Вечеринки назывались гаитянскими потому, что устраивались строго вскладчину. Гарик пошел на вечеринку к Антуан и, к неодобрению Риго, остался у нее ночевать (по мнению Риго, связь с женщиной не должна была быть слишком близкой). Но Антуан по-бараньи смотрела Гарику в глаза, подавшись чуть вперед туловищем, и в ней было что-то беспомощно трогательное. Риго рассказал ей, что Гарик писатель, и что о нем писали в «Нью-Йорк Таймс», и она смотрела на него с затаенным восхищением. Антуан не была красива, фигура ее была плотно сбита, ноги толстоваты, и все это в совокупности с ее раздражающей беспомощностью и комбинацией, выглядывающей из-под юбки, вызвало в Гарике эротическое чувство такого рода, которое можно назвать утонченным (то есть следующее по утончению чувство по сравнению с тем, которое вызывают в нормальном мужчине Мэрилин Монро или Брижит Бардо). Антуан была романтична и непрактична, не очень умела удержаться на постоянной работе и мечтала написать роман из времен покорения Испании маврами, героиня которого, африканская мавританская девушка, влюбляется в испанского рыцаря. Когда они еще только познакомились, Антуан застенчиво показала Гарику одну из примитивных пропагандистских книжонок, которые были весьма популярны в негритянской среде: чернокожими там в числе прочих объявлялись и Эзоп, и Бетховен, и Дюма (многие из них, вероятно, просто по чертам лиц). Был там и Пушкин.
– А ты знал, что он был черный? – с любопытством спросила Антуан. – Что его дедушка был из Африки?
– Конечно знал. Только не дедушка, а прадедушка.
– Нет, дедушка, – мягко возразила Антуан.
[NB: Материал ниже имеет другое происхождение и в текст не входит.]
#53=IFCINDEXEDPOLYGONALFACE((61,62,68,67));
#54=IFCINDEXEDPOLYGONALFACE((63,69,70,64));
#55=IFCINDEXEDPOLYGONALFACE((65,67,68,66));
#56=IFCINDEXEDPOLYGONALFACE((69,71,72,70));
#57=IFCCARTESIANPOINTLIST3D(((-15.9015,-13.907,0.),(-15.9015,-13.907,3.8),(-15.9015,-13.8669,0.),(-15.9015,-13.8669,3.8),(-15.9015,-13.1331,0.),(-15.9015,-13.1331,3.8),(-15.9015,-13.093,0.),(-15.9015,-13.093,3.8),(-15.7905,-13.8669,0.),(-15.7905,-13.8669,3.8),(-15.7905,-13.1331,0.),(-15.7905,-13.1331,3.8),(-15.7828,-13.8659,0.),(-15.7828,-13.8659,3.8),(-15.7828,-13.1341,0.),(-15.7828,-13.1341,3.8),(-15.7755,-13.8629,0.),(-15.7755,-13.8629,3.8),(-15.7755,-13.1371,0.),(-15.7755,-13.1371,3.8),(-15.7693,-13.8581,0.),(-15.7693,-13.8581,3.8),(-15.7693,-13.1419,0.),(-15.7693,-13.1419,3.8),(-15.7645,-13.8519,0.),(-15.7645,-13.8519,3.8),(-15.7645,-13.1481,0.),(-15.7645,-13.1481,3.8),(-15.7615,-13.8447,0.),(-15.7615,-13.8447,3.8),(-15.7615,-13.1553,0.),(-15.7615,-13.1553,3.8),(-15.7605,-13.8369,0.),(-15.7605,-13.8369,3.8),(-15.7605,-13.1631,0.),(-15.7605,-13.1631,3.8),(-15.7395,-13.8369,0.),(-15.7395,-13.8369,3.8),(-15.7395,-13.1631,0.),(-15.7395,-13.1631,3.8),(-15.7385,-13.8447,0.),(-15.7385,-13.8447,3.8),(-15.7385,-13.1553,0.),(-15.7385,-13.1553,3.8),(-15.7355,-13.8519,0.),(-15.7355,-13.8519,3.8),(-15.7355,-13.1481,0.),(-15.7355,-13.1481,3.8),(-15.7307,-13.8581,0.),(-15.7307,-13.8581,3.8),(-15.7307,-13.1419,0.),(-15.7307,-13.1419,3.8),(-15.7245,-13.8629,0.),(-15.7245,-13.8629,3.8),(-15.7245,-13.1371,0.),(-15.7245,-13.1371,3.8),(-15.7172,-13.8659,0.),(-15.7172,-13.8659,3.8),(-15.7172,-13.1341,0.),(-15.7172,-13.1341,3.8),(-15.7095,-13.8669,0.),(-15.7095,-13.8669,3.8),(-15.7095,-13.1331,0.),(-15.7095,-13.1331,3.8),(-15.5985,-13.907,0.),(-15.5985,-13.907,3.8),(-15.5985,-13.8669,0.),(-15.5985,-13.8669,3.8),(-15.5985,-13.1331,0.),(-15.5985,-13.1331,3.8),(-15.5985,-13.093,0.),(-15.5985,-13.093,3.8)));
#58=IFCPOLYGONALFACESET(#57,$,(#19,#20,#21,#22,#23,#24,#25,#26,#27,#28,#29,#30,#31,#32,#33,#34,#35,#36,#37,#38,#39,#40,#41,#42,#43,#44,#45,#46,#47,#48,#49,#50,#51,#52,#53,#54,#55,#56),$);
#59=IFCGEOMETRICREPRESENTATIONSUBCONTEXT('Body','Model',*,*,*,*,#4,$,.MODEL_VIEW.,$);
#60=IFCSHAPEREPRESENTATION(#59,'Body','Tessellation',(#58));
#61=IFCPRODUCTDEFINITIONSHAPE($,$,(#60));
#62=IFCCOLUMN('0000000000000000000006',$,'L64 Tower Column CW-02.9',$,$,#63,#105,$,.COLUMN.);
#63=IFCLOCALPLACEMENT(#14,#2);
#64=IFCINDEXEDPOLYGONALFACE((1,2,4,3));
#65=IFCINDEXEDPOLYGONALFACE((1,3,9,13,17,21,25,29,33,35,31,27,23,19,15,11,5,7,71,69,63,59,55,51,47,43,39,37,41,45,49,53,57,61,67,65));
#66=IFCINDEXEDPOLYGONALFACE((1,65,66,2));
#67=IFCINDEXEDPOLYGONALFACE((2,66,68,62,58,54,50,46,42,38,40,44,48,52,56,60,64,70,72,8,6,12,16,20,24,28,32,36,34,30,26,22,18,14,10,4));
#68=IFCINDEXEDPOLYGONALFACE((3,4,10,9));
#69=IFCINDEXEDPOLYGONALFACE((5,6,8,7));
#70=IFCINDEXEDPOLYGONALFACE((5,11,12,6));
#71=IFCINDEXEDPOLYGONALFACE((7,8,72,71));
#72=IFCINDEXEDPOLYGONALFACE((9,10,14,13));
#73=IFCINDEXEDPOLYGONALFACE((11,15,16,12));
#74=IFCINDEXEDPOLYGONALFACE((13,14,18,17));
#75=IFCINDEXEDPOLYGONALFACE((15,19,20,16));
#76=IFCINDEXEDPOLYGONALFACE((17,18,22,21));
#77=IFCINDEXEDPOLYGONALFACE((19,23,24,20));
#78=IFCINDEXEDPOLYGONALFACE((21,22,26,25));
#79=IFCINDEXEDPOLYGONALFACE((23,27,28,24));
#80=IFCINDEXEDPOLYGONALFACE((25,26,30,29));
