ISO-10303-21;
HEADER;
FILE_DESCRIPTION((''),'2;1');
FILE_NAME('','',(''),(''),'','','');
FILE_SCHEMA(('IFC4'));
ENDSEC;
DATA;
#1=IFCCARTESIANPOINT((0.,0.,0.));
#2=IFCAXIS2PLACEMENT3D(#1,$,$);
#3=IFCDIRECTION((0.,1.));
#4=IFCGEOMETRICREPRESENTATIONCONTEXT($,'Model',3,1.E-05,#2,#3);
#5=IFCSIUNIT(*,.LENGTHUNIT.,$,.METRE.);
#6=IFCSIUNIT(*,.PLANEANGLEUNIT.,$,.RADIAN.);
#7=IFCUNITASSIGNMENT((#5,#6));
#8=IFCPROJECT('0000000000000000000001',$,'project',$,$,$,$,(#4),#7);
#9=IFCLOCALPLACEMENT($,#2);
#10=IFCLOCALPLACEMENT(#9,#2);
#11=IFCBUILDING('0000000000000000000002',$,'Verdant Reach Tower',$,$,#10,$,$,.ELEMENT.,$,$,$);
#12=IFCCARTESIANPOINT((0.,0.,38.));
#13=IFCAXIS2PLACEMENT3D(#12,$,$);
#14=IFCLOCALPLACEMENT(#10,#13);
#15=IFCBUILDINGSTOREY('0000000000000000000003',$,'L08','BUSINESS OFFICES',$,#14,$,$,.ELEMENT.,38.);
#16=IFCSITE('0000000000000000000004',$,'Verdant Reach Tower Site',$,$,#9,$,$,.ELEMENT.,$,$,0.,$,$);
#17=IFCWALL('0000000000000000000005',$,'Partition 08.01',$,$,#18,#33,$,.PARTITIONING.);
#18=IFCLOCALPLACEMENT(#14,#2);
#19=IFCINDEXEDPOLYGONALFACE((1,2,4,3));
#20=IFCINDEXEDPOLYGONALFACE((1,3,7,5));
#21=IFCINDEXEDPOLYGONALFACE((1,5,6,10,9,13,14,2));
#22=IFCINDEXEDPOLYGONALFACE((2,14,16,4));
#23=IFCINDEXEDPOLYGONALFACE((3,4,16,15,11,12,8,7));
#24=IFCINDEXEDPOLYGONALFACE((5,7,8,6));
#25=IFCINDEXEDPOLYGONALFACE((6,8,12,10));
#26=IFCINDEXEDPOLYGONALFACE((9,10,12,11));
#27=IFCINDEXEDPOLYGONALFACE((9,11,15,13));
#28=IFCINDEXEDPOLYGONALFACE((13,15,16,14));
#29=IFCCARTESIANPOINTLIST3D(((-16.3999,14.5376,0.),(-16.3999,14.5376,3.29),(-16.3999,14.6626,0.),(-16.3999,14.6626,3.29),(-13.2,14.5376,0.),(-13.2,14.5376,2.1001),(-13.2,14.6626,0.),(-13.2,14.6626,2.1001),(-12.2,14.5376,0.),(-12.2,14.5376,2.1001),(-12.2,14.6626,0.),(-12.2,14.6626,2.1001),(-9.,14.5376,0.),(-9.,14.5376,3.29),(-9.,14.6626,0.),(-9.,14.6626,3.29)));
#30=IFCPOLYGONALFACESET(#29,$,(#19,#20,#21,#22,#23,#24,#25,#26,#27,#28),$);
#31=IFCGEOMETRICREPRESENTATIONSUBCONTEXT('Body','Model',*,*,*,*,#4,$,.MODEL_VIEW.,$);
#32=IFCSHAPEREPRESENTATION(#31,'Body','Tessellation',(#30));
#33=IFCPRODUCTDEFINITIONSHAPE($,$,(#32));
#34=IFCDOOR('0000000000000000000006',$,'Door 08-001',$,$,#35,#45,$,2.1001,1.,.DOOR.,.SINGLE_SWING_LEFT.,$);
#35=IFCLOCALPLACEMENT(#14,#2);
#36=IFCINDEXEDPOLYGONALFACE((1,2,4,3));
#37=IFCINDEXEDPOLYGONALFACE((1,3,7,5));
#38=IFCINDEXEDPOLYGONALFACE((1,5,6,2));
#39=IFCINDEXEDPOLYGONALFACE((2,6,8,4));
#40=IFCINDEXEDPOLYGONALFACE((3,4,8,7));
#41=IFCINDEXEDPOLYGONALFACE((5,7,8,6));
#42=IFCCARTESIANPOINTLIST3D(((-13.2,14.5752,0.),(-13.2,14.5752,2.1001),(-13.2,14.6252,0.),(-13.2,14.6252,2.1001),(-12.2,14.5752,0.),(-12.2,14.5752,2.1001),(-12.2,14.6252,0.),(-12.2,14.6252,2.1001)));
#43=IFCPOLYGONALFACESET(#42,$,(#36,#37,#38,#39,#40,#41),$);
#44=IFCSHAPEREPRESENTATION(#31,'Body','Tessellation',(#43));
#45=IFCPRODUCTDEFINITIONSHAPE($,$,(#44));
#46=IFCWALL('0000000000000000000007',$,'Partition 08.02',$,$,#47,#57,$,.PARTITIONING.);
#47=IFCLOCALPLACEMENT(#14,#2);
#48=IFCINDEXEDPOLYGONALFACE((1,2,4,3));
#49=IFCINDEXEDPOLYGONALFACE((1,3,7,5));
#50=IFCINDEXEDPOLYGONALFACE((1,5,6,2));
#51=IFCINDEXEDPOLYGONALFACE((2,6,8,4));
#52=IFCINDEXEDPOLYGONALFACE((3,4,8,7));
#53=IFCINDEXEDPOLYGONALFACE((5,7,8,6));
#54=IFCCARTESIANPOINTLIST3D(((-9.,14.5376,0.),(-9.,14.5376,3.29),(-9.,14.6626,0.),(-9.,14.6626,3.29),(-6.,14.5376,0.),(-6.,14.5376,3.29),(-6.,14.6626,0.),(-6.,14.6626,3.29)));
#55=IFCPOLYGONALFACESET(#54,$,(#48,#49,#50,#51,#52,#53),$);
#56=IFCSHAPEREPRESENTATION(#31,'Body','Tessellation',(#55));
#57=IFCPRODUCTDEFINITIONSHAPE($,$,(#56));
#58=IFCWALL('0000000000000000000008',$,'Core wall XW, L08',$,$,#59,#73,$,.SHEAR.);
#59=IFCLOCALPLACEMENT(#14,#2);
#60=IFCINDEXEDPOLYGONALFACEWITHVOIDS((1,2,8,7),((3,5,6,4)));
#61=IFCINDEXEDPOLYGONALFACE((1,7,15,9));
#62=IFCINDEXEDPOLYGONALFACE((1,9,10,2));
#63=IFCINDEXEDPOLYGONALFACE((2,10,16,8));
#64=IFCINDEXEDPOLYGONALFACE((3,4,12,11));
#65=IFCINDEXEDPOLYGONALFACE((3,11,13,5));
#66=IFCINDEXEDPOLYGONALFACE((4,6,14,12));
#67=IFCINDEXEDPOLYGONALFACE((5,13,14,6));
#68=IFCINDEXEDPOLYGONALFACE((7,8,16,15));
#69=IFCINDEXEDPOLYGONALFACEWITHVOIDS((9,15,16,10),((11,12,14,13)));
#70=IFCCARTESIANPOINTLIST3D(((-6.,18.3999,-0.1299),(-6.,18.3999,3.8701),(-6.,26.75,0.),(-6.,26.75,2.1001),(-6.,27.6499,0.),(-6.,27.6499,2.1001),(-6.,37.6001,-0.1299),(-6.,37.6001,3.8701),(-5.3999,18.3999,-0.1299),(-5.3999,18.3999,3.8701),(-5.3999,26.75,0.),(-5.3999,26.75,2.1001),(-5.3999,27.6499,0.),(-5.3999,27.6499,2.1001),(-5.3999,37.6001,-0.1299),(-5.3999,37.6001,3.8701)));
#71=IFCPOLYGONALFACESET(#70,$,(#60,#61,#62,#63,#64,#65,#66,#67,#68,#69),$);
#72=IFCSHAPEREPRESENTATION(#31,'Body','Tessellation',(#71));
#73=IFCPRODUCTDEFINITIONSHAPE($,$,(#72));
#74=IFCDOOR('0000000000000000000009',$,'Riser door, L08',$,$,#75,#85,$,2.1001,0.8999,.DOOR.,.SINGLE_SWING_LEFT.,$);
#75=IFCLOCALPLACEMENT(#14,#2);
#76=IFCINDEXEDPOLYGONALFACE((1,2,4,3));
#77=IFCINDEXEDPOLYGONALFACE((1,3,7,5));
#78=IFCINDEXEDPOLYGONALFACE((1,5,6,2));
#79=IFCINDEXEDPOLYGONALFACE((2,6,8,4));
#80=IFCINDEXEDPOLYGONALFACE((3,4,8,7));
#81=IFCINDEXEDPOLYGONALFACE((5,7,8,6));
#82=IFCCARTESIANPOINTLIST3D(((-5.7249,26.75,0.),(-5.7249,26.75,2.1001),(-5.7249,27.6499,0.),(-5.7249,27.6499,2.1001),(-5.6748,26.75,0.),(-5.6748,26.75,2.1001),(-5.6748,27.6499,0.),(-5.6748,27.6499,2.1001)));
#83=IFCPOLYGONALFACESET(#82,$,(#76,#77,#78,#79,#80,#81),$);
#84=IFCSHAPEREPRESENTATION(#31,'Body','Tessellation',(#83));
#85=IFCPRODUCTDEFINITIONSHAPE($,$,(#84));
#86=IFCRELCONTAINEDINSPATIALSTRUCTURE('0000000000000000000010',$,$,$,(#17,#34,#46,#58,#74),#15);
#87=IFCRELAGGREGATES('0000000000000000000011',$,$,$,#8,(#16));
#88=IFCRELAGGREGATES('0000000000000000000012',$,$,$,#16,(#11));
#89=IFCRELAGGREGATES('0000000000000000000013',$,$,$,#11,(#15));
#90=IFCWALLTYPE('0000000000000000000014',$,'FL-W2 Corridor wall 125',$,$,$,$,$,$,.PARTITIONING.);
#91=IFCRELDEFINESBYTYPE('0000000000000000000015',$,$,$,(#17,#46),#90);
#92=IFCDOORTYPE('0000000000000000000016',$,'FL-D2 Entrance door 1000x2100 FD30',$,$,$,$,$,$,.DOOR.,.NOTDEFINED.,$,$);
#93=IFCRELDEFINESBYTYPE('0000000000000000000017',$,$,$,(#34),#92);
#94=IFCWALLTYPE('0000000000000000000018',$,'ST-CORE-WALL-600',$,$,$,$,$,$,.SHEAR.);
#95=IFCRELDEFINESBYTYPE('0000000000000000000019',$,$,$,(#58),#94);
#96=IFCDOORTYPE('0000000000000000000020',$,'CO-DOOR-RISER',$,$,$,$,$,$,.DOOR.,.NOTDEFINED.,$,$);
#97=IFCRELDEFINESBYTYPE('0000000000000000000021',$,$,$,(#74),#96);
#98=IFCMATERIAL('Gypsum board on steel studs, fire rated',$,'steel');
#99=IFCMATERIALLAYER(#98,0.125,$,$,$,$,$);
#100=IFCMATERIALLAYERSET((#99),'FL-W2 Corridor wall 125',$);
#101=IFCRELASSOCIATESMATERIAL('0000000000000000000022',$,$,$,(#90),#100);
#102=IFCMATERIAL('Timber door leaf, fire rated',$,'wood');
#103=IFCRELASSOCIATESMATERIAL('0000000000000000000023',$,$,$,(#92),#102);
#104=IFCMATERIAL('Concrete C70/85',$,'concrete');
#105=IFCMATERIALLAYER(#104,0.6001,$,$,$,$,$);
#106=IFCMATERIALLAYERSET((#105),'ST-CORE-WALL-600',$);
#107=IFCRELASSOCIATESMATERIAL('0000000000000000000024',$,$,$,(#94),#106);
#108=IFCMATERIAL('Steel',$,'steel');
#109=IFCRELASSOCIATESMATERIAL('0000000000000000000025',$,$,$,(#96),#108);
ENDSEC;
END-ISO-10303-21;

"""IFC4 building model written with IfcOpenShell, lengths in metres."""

from ifc_helpers import new_model, si_unit, direction, frame, frame_2d, origin, place, context, subcontext, project, spatial, rectangle, extrude, material, layer, layer_set, type_object, element, fill, save


model = new_model("IFC4")

# Units and contexts
model_context = context("Model", 3, precision=1e-05, world=origin(), true_north=direction((0.0, 1.0)))
body_context = subcontext(model_context, "Body", "Model", "MODEL_VIEW")
ifc_project = project(units=[si_unit("LENGTHUNIT", "METRE"), si_unit("PLANEANGLEUNIT", "RADIAN")], contexts=[model_context])

# Site, building, storey
site_placement = place(None, origin())
site = spatial("IfcSite", under=ifc_project, at=site_placement, Name="Verdant Reach Tower Site", CompositionType="ELEMENT", RefElevation=0.0)
building_placement = place(site_placement, origin())
building = spatial("IfcBuilding", under=site, at=building_placement, Name="Verdant Reach Tower", CompositionType="ELEMENT")
storey_placement = place(building_placement, frame((0.0, 0.0, 38.0)))
storey = spatial("IfcBuildingStorey", under=building, at=storey_placement, Name="L08", Description="BUSINESS OFFICES", CompositionType="ELEMENT", Elevation=38.0)

# Wall, opening, door
ifc_material_1 = material(Name="Gypsum board on steel studs, fire rated", Category="steel")
ifc_layer_1 = layer(ifc_material_1, 0.125)
ifc_layer_set_1 = layer_set([ifc_layer_1], Name="FL-W2 Corridor wall 125")
wall_type_1 = type_object("IfcWallType", Name="FL-W2 Corridor wall 125", PredefinedType="PARTITIONING", material=ifc_layer_set_1)
wall_1_placement = place(storey_placement, frame((-9.0, 14.6001, 0.0), z_axis=(0.0, 0.0, 1.0), x_axis=(-1.0, 0.0, 0.0)))
wall_1 = element("IfcWall", 1, at=wall_1_placement, inside=storey, type_object=wall_type_1, Name="Partition 08.01", PredefinedType="PARTITIONING", context=body_context, shape_type="SweptSolid", body=[
    extrude(rectangle(XDim=7.3999, YDim=0.125, at=frame_2d((3.7, 0.0))), origin(), (0.0, 0.0, 1.0), 3.29),
])
opening_1_placement = place(wall_1_placement, frame((3.2, 0.0, 0.0)))
opening_1 = element("IfcOpeningElement", 2, at=opening_1_placement, cuts=wall_1, PredefinedType="OPENING", context=body_context, shape_type="SweptSolid", body=[
    extrude(rectangle(XDim=1.0, YDim=2.1001, at=frame_2d((0.5, 1.05))), frame((0.0, 0.0725, 0.0), z_axis=(0.0, -1.0, 0.0), x_axis=(1.0, 0.0, 0.0)), (0.0, 0.0, 1.0), 0.145),
])
ifc_material_2 = material(Name="Timber door leaf, fire rated", Category="wood")
door_type_1 = type_object("IfcDoorType", Name="FL-D2 Entrance door 1000x2100 FD30", OperationType="NOTDEFINED", PredefinedType="DOOR", material=ifc_material_2)
door_1_placement = place(opening_1_placement, origin())
door_1 = element("IfcDoor", 3, at=door_1_placement, inside=storey, type_object=door_type_1, Name="Door 08-001", OperationType="SINGLE_SWING_LEFT", OverallHeight=2.1001, OverallWidth=1.0, PredefinedType="DOOR", context=body_context, shape_type="SweptSolid", body=[
    extrude(rectangle(XDim=1.0, YDim=2.1001, at=frame_2d((0.5, 1.05))), frame((0.0, 0.0249, 0.0), z_axis=(0.0, -1.0, 0.0), x_axis=(1.0, 0.0, 0.0)), (0.0, 0.0, 1.0), 0.05),
])
fill(opening_1, door_1)

# Wall
wall_2_placement = place(storey_placement, frame((-9.0, 14.6001, 0.0), z_axis=(0.0, 0.0, 1.0), x_axis=(1.0, 0.0, 0.0)))
element("IfcWall", 4, at=wall_2_placement, inside=storey, type_object=wall_type_1, Name="Partition 08.02", PredefinedType="PARTITIONING", context=body_context, shape_type="SweptSolid", body=[
    extrude(rectangle(XDim=3.0, YDim=0.125, at=frame_2d((1.5, 0.0))), origin(), (0.0, 0.0, 1.0), 3.29),
])

# Wall, opening, door
ifc_material_3 = material(Name="Concrete C70/85", Category="concrete")
ifc_layer_2 = layer(ifc_material_3, 0.6001)
ifc_layer_set_2 = layer_set([ifc_layer_2], Name="ST-CORE-WALL-600")
wall_type_2 = type_object("IfcWallType", Name="ST-CORE-WALL-600", PredefinedType="SHEAR", material=ifc_layer_set_2)
wall_3_placement = place(storey_placement, frame((-5.7, 18.3999, -0.1299), z_axis=(0.0, 0.0, 1.0), x_axis=(0.0, 1.0, 0.0)))
wall_3 = element("IfcWall", 5, at=wall_3_placement, inside=storey, type_object=wall_type_2, Name="Core wall XW, L08", PredefinedType="SHEAR", context=body_context, shape_type="SweptSolid", body=[
    extrude(rectangle(XDim=19.2002, YDim=0.6001, at=frame_2d((9.6001, 0.0))), origin(), (0.0, 0.0, 1.0), 4.0),
])
opening_2_placement = place(wall_3_placement, frame((8.3501, 0.0, 0.1299)))
opening_2 = element("IfcOpeningElement", 6, at=opening_2_placement, cuts=wall_3, PredefinedType="OPENING", context=body_context, shape_type="SweptSolid", body=[
    extrude(rectangle(XDim=0.8999, YDim=2.1001, at=frame_2d((0.45, 1.05))), frame((0.0, 0.3101, 0.0), z_axis=(0.0, -1.0, 0.0), x_axis=(1.0, 0.0, 0.0)), (0.0, 0.0, 1.0), 0.6201),
])
ifc_material_4 = material(Name="Steel", Category="steel")
door_type_2 = type_object("IfcDoorType", Name="CO-DOOR-RISER", OperationType="NOTDEFINED", PredefinedType="DOOR", material=ifc_material_4)
door_2_placement = place(opening_2_placement, origin())
door_2 = element("IfcDoor", 7, at=door_2_placement, inside=storey, type_object=door_type_2, Name="Riser door, L08", OperationType="SINGLE_SWING_LEFT", OverallHeight=2.1001, OverallWidth=0.8999, PredefinedType="DOOR", context=body_context, shape_type="SweptSolid", body=[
– Значит, ты мне будешь говорить, что знаешь больше про Пушкина? – начал было Гарик, но осекся. Все это на самом деле было не только смешно, но и трогательно, и тут была такая дистанция между его Пушкиным и Пушкиным Антуан, что сам поэт, если бы находился рядом, отдал бы этому должное. Гарик понимал, что невежды, которые переводили с русского, не знали, что в русском есть слово дедушка, которого нет в английском, так что в русском всегда на одну степень меньше «пра», и он начал было объяснять это Антуан, но в тот самый момент, когда он погрузился в сферу логики, он потерял ее, что было справедливо: в таких вопросах логика всегда выглядит мелкой и суемудрой, как будто ею прикрываются, чтобы избегнуть чего-то более существенного. Конечно, Гарик мог бы попытаться объяснить Антуан, что такое был Пушкин для русских людей – но мог ли он? Теперь это была бы не логика, а факты – но факты в таких делах еще бессильней и суемудрей логики. Он мог бы принести ей что-нибудь из Пушкина, что было переведено на английский, он мог бы даже попытаться достать «Арапа Петра великого» (хотя его вряд ли переводили), но что он хотел доказать Антуан при помощи «Арапа Петра великого»? Что Пушкин не проходит у нас как черножопый? Но он прекрасно проходил как черножопый у Танечки, секретарши в госпитальной аптеке, хотя она тоже русская, даже если родилась в Америке! Она ведь тоже говорит по-русски, и именно по-русски сказала Гарику, что «разочарована», когда он рассказал ей об африканском происхождении Пушкина. Ну и что с того, что она из низко культурной среды эмиграции второй волны – сколько людей в России знакомы с Пушкиным на Танечкином уровне? Конечно, Пушкин, благодаря стечению обстоятельств, оказался по ту сторону рассового барьера в России, но, кто знает, как могло бы повернуть дело при других обстоятельствах?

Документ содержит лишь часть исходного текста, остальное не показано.